According to the Book of Han (Han Shu), during the reign of Emperor Cheng of Han (r. 33–7 BCE), the Daoist practitioner Gan Zhongke (甘忠可) submitted a memorial claiming that he had received revelations from a divine manifestation of Chijingzi. As recorded in the Biography of Li Xun (Han Shu, vol. 75), Gan used this claim to support his political proposals. By invoking the symbolism of the "Red Emperor" (Chidi) and its association with the "Fire Virtue" (火德; huo de), he argued that the Han dynasty was approaching a new heavenly cycle. According to scholar Jiang Sheng, the "Chijingzi prophecy", later associated with the Baoyuan Taiping Jing (包元太平經), formed part of early Taiping ("Great Peace") ideology and was used to support political reform during the Western Han period.

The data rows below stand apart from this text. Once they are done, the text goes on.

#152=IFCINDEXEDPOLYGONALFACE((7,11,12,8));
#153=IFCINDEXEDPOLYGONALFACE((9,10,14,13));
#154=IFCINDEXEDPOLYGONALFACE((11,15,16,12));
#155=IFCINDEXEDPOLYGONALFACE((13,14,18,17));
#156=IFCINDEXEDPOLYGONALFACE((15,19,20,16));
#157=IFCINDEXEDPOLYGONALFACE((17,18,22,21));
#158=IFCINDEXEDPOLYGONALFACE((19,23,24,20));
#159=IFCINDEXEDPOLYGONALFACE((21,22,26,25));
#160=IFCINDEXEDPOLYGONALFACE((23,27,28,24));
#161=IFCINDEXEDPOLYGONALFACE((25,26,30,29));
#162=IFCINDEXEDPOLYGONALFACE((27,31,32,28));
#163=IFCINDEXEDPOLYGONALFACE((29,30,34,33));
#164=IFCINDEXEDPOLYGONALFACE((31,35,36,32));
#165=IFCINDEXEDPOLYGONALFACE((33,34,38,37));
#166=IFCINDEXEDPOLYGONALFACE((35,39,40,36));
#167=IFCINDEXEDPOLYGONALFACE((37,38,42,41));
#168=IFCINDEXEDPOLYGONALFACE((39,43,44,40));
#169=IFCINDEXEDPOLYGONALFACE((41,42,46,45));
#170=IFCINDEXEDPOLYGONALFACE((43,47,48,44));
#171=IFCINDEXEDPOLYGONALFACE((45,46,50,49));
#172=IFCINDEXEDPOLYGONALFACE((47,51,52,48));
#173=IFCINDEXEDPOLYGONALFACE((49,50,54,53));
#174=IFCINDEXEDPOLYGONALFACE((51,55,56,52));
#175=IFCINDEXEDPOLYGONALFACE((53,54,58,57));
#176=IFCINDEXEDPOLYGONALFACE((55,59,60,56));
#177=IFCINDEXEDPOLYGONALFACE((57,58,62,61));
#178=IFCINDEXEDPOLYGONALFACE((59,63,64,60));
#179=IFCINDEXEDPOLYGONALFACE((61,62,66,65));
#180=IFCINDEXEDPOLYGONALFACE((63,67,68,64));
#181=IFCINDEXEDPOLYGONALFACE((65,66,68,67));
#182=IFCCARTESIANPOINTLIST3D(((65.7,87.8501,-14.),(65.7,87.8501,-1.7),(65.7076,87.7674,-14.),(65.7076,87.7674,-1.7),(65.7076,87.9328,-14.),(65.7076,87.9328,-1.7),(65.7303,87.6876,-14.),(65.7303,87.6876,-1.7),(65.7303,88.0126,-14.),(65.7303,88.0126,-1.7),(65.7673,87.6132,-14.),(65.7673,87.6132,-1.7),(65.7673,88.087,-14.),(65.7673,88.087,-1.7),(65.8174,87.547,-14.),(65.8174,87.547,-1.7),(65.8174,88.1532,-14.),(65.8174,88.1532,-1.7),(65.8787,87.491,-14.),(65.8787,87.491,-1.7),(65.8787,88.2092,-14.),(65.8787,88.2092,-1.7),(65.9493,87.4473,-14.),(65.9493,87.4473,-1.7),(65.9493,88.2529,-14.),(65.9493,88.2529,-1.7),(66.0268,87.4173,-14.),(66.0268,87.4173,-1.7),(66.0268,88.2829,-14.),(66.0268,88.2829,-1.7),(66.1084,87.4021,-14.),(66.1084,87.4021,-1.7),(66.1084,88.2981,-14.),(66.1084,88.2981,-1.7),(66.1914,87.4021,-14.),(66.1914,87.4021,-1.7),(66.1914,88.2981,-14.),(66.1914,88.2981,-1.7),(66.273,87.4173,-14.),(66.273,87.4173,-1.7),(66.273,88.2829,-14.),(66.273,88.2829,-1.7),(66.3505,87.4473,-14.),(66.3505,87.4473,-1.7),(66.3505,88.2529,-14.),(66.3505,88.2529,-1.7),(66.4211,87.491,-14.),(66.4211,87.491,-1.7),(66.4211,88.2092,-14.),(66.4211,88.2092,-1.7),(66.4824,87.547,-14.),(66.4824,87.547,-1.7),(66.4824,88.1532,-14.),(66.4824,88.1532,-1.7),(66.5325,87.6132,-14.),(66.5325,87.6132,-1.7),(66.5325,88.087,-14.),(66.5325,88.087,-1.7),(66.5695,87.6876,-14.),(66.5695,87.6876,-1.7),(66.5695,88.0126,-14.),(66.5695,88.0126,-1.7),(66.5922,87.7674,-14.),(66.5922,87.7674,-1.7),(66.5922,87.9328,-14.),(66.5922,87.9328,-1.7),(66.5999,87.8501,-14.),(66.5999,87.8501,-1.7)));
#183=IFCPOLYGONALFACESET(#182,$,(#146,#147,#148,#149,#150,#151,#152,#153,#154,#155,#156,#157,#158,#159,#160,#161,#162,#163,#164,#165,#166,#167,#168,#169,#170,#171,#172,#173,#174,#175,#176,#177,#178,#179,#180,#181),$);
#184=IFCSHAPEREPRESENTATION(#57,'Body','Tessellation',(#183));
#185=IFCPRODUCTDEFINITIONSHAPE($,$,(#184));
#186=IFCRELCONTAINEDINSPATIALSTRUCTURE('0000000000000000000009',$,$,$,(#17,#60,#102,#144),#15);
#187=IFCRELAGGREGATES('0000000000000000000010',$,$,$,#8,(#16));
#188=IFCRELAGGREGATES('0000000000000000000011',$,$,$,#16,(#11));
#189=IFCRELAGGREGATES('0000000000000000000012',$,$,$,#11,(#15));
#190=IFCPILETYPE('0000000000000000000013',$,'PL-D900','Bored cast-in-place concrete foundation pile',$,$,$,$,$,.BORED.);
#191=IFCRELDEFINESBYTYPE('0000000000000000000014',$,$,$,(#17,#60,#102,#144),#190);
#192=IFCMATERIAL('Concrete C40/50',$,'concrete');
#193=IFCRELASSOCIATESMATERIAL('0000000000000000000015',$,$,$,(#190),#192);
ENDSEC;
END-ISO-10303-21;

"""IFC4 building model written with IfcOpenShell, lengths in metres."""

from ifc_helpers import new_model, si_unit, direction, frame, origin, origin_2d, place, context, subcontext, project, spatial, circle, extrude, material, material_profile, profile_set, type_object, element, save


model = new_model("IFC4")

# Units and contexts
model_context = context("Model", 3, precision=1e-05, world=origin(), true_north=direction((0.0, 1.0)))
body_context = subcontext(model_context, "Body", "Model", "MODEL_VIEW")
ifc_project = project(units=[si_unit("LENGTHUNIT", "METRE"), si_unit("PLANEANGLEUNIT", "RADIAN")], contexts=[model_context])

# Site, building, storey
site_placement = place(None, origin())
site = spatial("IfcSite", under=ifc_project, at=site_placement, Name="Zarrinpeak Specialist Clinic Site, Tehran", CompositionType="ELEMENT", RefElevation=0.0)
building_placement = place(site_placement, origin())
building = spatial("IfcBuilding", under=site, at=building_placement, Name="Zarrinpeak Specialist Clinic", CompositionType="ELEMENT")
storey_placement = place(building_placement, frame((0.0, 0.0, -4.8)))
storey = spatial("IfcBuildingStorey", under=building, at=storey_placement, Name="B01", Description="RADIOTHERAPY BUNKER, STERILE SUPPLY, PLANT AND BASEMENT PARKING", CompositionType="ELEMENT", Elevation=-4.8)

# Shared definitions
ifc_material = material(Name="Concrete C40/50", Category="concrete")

Chijingzi is often confused with the deity Chisongzi (赤松子), who is mentioned in the Classic of Mountains and Seas (Shan Hai Jing). Despite sharing the prefix chi ("red"), they are distinct figures. Chisongzi is traditionally regarded as an ancient immortal and Rain Master associated with the era of Shennong.

== In Investiture of the Gods ==
In the novel Investiture of the Gods (Fengshen Yanyi), Chijingzi is one of the Twelve Golden Immortals and a senior disciple of Yuanshi Tianzun. He resides at Cloud-Rising Cave (雲霄洞; Yunxiao Dong) on Mount Taihua and serves as the master of the Shang prince Yin Hong. Chijingzi gives Yin Hong several powerful treasures, including the Yin-Yang Mirror (陰陽鏡), which can kill or revive a person depending on how it is used, and the Bagua Purple-Ribbon Immortal Garment.

Despite his master's guidance, Yin Hong is persuaded by Shen Gongbao to betray the Zhou cause and return to the Shang side. Before accepting him as a disciple, Chijingzi had made Yin Hong swear a blood oath that he would die by fire if he ever broke his promise. After Yin Hong betrays the oath, Chijingzi reluctantly uses the Taiji Diagram (太極圖) to fulfill the vow and execute his own disciple.